2) Or, you use a compiler option -mkl=parallel, following https://software.intel.com/en-us/mkl-linux-developer-guide-using-the-mkl.... This option always links against the LP64 interface under the hood. In this case, you don't link explicitly against other libs.
So, what happened in your case is that option -mkl=parallel was linking against LP64 while you also manually added ILP64 libs to the link line and these options simply contradicted each other.
I hope this helps.
Best,
Kirill

Hi Kirill,

Should I use the -mkl flag at all? The sample code that I had mentioned was only for testing. Nevertheless, I use the mkl routines of sparse blas, cblas and eigensolvers for a large codebase.
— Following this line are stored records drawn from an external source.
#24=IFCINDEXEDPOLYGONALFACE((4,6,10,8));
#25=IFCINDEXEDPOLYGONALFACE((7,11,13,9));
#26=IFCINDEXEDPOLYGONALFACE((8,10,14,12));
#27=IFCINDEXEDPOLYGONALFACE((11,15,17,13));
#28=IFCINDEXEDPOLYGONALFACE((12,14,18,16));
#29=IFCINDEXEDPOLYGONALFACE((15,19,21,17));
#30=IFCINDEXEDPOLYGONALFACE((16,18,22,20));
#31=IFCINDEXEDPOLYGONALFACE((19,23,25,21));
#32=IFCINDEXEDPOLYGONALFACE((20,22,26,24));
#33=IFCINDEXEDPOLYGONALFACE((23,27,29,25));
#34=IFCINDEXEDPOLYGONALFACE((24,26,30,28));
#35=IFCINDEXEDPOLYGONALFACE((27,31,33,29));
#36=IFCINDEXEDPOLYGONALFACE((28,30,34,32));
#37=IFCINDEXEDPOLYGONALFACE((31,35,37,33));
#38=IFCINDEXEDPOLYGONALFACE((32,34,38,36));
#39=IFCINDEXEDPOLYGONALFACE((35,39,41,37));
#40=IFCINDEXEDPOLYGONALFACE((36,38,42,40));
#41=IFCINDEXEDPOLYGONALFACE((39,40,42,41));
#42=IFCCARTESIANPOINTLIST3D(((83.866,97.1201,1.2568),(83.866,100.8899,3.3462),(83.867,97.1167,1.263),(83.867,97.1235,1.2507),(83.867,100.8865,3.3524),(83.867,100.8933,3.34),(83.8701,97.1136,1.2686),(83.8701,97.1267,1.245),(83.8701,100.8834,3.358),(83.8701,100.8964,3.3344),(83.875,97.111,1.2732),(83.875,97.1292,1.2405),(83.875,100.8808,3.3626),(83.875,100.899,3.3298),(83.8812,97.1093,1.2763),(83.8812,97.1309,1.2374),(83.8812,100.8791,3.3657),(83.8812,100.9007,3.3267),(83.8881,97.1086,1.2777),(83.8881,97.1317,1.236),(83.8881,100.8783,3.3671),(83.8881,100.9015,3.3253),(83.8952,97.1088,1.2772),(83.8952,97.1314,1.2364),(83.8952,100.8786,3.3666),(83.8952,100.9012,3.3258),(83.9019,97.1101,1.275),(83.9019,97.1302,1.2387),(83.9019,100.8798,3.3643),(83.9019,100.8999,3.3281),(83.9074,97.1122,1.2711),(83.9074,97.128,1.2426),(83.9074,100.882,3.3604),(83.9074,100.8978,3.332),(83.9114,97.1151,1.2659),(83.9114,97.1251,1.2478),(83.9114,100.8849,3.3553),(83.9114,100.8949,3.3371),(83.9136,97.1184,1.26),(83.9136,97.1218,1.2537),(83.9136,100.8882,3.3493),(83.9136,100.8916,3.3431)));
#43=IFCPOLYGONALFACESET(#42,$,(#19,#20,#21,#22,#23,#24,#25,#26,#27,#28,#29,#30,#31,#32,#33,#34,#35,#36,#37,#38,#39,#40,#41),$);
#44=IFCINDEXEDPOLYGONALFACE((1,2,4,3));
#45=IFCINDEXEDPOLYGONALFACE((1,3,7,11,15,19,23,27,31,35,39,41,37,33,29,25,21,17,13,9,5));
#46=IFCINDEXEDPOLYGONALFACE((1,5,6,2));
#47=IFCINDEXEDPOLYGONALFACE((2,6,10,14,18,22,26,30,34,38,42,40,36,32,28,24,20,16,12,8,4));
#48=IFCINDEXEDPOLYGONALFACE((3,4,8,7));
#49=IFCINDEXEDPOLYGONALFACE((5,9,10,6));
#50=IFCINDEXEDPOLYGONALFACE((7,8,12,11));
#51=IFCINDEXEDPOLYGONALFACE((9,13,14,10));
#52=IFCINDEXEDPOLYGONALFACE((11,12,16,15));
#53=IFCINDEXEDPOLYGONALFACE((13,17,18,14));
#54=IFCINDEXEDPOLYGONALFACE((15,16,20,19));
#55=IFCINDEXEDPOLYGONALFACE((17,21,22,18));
I use openmp with simd options and looking at performance testing.

The Intel MKL advisor doesn't mention using -qopenmp and/or -qopenmp-simd or optimization flags such as -O2 while compiling with icc.

Is there a way to know which options might conflict with the ILP64 interface which need for the larger storage indices.

Thanks,

Ashirbad

Kirill_V_Intel · ‎07-24-2019

Hi Ashirbad,

No, you shouldn't use -mkl flag, since it works with LP64 interface only.

Basically, you need to link against the ILP64 interface so that MKL internally can find correct functionality working with 64-bit integers and you need -DMKL_ILP64 flag to have MKL_INT as 64-bit integer type. So, compiler options you have mentioned work with ILP64 interface without any trouble. For example, -O2 option will affect only how your code is compiled and not the performance of Intel MKL, since you have Intel MKL as a library and just link against it.
MKL Link Line Advisor thus only shows what you should add to your compile and link line in order to use MKL.

Also, note that there are a lot of environment settings which can affect performance. For example, for optimal performance with OpenMP threading, you need also to think about setting correct KMP_AFFINITY and numa control options.

Best,
Kirill

Mishra__Ashirbad · ‎07-25-2019

Voronin, Kirill (Intel) wrote:
Hi Ashirbad,
No, you shouldn't use -mkl flag, since it works with LP64 interface only.
Basically, you need to link against the ILP64 interface so that MKL internally can find correct functionality working with 64-bit integers and you need -DMKL_ILP64 flag to have MKL_INT as 64-bit integer type. So, compiler options you have mentioned work with ILP64 interface without any trouble. For example, -O2 option will affect only how your code is compiled and not the performance of Intel MKL, since you have Intel MKL as a library and just link against it.
MKL Link Line Advisor thus only shows what you should add to your compile and link line in order to use MKL.
Also, note that there are a lot of environment settings which can affect performance. For example, for optimal performance with OpenMP threading, you need also to think about setting correct KMP_AFFINITY and numa control options.

Best,
Kirill

Thanks a lot, Kirill, this is helpful.